Limitations & Future Work¶
- Subjective preferences (e.g., writing style) do not exhibit data scaling behavior; curation is primarily effective for objective preferences.
- Stage 1 still depends on human annotation resources, requiring the labor investment of 8 iterative rounds.
- Only the pairwise Bradley-Terry objective is employed; pointwise scoring and listwise ranking methods are not explored.
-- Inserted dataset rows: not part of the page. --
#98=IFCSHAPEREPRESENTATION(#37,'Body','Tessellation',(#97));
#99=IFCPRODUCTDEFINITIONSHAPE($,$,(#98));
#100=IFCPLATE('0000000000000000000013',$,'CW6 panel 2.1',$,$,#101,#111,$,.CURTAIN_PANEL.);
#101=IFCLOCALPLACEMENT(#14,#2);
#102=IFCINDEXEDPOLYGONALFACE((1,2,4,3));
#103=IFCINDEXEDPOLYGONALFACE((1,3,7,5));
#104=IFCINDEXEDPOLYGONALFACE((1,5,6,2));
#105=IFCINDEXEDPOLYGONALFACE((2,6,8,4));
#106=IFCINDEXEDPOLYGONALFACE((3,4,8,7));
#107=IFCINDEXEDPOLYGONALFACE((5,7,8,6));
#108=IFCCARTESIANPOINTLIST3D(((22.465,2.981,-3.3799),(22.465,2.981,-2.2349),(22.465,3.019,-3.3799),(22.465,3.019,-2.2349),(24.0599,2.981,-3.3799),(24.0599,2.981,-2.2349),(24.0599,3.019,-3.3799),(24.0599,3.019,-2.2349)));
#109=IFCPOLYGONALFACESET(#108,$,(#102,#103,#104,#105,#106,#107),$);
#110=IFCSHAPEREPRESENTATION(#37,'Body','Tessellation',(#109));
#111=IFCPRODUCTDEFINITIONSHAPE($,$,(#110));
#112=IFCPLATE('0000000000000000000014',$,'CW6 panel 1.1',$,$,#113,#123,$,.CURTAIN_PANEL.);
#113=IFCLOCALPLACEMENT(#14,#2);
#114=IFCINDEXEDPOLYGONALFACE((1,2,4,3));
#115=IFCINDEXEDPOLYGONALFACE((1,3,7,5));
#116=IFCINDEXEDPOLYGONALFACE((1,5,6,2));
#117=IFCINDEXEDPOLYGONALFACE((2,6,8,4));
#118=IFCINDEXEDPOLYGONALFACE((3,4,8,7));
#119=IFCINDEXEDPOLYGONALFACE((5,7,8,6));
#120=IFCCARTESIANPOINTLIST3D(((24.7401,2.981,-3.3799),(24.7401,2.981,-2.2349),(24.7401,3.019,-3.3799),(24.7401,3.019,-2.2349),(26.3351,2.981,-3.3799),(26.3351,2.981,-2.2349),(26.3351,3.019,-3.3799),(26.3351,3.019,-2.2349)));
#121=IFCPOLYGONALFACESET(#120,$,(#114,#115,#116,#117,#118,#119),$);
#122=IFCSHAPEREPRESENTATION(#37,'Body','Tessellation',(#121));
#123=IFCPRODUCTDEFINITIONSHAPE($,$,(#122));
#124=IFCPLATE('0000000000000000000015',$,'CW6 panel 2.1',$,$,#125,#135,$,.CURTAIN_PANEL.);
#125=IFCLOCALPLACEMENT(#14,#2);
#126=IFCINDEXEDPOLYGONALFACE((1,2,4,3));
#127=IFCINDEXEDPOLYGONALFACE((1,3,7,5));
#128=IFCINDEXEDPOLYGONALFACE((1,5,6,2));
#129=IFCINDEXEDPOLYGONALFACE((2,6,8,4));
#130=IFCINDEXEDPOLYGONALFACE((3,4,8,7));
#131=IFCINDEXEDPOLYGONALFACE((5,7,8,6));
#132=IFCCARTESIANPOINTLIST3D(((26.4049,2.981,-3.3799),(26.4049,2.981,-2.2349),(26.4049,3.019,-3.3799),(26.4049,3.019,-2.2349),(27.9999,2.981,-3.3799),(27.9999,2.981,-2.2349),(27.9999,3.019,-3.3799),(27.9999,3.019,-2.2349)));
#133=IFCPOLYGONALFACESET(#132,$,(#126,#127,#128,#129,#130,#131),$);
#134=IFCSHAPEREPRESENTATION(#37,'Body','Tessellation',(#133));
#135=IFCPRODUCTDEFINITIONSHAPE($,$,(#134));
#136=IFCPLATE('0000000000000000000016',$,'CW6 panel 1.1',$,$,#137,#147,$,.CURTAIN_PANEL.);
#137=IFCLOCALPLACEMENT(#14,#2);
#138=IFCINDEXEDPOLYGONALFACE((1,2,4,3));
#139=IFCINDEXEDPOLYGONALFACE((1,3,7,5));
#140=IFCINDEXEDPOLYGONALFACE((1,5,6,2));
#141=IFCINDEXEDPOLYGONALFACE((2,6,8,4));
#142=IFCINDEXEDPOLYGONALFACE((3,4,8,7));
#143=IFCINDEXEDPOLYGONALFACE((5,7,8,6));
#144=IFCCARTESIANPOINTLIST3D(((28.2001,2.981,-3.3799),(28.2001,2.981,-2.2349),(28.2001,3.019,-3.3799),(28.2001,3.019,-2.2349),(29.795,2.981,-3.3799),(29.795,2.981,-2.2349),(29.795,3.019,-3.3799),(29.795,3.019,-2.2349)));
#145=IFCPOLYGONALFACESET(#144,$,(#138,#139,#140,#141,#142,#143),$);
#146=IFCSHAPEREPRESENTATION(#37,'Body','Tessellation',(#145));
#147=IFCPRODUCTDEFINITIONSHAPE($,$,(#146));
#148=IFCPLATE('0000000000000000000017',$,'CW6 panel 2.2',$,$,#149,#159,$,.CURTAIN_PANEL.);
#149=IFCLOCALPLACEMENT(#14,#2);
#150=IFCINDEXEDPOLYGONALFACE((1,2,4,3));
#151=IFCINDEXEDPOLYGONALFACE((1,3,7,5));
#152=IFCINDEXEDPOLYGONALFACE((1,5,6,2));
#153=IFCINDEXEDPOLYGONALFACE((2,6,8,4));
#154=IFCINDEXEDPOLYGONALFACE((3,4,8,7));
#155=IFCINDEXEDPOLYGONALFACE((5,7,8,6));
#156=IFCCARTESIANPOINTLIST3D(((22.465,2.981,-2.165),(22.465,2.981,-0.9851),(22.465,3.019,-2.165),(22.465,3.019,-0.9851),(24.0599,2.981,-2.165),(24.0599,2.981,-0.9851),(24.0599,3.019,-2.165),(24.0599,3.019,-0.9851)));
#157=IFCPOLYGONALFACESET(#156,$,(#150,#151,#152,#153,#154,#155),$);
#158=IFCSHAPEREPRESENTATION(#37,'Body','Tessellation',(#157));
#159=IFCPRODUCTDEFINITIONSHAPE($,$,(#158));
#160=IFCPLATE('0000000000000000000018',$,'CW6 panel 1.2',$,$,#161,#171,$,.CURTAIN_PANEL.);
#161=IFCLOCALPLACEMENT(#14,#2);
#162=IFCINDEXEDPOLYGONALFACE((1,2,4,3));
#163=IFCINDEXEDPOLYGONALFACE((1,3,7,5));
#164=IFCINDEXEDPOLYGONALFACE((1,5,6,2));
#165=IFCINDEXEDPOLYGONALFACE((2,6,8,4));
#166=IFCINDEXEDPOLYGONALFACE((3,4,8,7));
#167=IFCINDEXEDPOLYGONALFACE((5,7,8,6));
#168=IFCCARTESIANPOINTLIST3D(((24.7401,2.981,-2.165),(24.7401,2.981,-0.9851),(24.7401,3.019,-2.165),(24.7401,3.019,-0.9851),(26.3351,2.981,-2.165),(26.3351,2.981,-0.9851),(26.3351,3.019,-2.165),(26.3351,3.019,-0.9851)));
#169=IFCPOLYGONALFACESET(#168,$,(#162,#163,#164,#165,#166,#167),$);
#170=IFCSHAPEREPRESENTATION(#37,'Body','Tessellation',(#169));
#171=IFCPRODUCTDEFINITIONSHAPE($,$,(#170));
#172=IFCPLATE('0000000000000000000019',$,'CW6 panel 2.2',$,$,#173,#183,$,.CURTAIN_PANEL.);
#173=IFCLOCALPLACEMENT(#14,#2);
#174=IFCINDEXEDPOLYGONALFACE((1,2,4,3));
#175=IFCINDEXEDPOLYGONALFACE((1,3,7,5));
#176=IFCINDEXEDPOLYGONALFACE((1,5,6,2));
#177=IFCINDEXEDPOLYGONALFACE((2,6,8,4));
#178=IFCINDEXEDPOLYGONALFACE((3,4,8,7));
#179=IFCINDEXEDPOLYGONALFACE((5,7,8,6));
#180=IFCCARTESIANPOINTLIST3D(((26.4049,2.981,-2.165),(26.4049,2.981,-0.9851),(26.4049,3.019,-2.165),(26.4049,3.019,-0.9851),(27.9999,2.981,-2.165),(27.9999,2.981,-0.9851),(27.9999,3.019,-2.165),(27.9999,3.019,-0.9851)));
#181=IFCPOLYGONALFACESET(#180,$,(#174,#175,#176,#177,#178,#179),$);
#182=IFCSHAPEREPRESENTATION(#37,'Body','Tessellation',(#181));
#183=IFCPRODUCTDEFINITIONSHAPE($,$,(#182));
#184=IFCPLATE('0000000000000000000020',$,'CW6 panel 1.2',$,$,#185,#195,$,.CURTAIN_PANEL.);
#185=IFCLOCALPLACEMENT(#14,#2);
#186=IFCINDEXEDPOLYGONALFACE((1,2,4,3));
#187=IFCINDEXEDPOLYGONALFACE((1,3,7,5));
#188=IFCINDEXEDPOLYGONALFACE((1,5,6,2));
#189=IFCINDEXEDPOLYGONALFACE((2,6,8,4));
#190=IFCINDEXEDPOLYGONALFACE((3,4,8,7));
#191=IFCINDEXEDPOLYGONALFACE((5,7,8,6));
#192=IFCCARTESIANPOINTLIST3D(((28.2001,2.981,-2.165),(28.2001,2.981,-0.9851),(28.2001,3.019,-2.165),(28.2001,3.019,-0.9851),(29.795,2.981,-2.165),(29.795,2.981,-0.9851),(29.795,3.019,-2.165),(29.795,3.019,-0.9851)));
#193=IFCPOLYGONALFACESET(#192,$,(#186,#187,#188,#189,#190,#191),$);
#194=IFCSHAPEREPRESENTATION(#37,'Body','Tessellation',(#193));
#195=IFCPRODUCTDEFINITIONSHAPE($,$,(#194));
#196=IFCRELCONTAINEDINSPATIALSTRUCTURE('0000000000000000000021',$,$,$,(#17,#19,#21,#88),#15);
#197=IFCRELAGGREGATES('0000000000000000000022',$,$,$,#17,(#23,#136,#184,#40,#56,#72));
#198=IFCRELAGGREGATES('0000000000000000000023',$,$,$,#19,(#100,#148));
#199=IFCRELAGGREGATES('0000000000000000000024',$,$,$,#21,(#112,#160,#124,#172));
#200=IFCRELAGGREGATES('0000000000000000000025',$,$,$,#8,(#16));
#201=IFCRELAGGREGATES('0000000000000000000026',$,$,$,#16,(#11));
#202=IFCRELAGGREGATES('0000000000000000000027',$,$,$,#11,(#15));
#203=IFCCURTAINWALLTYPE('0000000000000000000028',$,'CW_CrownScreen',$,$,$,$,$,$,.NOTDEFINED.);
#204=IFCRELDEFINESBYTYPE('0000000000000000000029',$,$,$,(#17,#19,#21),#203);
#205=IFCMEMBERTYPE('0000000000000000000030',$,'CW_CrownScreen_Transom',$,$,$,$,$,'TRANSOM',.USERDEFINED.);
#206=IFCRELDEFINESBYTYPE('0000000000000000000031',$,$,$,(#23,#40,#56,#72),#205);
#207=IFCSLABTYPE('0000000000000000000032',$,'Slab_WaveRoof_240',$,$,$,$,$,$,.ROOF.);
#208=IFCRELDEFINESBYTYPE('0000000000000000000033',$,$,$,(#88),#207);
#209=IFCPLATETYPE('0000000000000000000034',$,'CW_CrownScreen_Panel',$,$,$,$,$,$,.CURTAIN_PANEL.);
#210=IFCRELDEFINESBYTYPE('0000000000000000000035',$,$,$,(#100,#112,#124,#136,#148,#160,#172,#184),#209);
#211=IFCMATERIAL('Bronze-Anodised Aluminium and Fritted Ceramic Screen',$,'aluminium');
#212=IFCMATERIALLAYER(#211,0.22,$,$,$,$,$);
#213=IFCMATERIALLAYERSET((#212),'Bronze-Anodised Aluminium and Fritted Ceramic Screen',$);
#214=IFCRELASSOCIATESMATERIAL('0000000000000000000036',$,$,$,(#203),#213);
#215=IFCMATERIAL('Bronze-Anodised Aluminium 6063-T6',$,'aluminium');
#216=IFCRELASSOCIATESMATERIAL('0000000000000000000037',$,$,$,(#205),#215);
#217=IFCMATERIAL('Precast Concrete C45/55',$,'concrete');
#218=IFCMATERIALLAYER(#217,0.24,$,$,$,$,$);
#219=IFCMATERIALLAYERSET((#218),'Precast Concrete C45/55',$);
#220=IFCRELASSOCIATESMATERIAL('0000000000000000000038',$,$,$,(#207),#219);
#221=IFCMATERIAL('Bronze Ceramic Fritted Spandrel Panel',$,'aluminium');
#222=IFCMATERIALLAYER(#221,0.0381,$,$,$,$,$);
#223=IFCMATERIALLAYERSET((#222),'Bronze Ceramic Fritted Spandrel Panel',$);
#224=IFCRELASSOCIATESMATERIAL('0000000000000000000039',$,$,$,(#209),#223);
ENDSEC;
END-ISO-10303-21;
- Base models at 70B+ scale are not attempted due to training cost and deployment considerations, and the marginal benefit of data quality advantages on larger models remains unknown.
Related Work & Insights¶
- vs. ArmoRM / Nemotron / INF-ORM (70B scale): These models may perform strongly on individual benchmarks, but all fall short of Skywork-V2 8B when evaluated comprehensively across 7 benchmarks, demonstrating that data quality can compensate for a 9× model scale gap.
- vs. generative reward models (DeepSeek-GRM, RM-R1): Such approaches enhance judgment capability through reasoning chains or meta-evaluation, yet Skywork-V2 surpasses them comprehensively using only the Bradley-Terry objective, indicating that data-level and model-level improvements are orthogonal.
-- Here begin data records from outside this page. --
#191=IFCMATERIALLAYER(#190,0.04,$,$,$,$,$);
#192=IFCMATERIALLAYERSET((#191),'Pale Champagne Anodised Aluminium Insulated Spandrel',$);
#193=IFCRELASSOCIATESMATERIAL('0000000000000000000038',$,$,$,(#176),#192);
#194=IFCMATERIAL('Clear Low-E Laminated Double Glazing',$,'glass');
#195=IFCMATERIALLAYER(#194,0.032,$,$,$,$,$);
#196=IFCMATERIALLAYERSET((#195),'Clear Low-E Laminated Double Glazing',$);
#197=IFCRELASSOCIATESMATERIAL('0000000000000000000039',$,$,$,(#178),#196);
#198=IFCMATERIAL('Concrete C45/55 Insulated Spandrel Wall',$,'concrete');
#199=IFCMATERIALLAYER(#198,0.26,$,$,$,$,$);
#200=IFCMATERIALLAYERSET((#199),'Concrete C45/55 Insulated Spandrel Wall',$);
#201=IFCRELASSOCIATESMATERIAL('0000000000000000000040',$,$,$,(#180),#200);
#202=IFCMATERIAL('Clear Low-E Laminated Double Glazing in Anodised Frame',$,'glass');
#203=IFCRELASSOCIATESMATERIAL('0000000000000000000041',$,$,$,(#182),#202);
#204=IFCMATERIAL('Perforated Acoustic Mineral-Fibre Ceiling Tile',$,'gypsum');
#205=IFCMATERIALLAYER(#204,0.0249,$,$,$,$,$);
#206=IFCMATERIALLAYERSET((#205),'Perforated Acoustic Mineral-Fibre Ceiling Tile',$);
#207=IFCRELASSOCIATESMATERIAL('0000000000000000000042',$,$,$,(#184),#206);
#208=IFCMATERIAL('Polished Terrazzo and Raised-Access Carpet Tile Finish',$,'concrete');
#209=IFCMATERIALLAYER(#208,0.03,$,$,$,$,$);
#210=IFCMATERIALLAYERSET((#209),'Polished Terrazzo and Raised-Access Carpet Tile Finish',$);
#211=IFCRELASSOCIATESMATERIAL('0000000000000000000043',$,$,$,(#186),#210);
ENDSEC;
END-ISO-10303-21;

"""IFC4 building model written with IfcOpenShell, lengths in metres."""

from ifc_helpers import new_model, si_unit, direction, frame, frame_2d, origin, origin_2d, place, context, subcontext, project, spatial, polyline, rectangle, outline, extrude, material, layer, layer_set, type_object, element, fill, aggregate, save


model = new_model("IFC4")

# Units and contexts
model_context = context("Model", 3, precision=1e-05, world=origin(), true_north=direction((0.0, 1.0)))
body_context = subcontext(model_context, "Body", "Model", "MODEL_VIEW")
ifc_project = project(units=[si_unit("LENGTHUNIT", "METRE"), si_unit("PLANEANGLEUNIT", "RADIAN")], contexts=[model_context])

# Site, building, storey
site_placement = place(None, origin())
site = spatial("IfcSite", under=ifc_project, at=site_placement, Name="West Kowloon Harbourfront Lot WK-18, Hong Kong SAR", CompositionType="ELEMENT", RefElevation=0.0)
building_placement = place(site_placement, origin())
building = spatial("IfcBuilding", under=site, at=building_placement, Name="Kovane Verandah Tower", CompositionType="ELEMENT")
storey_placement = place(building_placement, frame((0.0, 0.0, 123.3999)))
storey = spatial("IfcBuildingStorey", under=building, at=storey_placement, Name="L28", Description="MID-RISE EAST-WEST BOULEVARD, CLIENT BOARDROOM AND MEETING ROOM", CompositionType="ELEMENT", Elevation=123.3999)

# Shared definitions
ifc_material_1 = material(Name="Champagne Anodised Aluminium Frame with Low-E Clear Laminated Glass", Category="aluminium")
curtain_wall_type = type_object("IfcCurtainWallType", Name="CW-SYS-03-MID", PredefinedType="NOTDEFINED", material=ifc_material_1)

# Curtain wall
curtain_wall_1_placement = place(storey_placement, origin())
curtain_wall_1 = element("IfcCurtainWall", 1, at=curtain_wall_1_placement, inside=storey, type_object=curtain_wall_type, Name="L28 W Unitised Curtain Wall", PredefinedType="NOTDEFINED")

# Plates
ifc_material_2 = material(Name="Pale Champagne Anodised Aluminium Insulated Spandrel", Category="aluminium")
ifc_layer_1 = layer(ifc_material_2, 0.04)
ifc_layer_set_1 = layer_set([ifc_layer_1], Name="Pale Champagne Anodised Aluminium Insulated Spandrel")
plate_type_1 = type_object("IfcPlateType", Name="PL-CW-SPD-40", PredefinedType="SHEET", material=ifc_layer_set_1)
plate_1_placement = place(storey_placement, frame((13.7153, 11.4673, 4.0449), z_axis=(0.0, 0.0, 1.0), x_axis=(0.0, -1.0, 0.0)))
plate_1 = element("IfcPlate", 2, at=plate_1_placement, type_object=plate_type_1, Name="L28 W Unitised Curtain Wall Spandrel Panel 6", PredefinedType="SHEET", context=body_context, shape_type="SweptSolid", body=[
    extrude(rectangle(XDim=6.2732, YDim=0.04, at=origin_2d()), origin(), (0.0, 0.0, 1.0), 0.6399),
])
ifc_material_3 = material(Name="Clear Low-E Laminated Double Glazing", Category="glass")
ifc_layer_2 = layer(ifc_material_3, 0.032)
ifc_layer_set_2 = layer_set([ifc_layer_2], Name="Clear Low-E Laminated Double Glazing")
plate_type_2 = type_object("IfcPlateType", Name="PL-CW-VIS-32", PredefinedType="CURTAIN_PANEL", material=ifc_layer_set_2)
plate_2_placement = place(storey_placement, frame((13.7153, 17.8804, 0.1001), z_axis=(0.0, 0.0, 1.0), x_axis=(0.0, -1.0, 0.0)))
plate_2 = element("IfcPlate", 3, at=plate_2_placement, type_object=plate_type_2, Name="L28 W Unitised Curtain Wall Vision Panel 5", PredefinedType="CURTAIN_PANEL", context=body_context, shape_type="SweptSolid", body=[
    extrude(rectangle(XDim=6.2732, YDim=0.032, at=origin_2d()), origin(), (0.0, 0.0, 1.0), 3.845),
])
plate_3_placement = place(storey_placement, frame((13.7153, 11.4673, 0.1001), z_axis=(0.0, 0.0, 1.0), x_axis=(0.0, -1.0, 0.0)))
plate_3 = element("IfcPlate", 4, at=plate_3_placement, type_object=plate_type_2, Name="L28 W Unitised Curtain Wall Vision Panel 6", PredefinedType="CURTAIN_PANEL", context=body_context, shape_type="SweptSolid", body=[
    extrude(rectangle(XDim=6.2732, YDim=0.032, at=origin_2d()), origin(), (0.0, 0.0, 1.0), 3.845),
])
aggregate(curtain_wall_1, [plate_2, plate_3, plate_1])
- vs. active learning: Error-driven retrieval is essentially an active learning strategy for preference annotation. The key distinction is that rather than directly having humans annotate retrieved samples, it uses human gold data to guide LLM annotation, achieving a balance between quality and efficiency.
Rating¶
- Novelty: ⭐⭐⭐⭐ The two-stage Human-AI synergy pipeline is systematic and elegant, with error-driven retrieval, preference-aware annotation, and the recovery mechanism forming a tightly integrated framework.
- Experimental Thoroughness: ⭐⭐⭐⭐⭐ 7 benchmarks × 8 model scales × thorough ablations across both data and method dimensions yield a highly complete chain of evidence.
- Writing Quality: ⭐⭐⭐⭐ The pipeline is described clearly; Section 2 establishes motivation thoroughly before presenting the method, with strong logical coherence.
- Value: ⭐⭐⭐⭐⭐ The paper provides a complete solution from data curation to model training for reward model development. SynPref-40M and the full model series are open-sourced, enabling direct reproduction and application.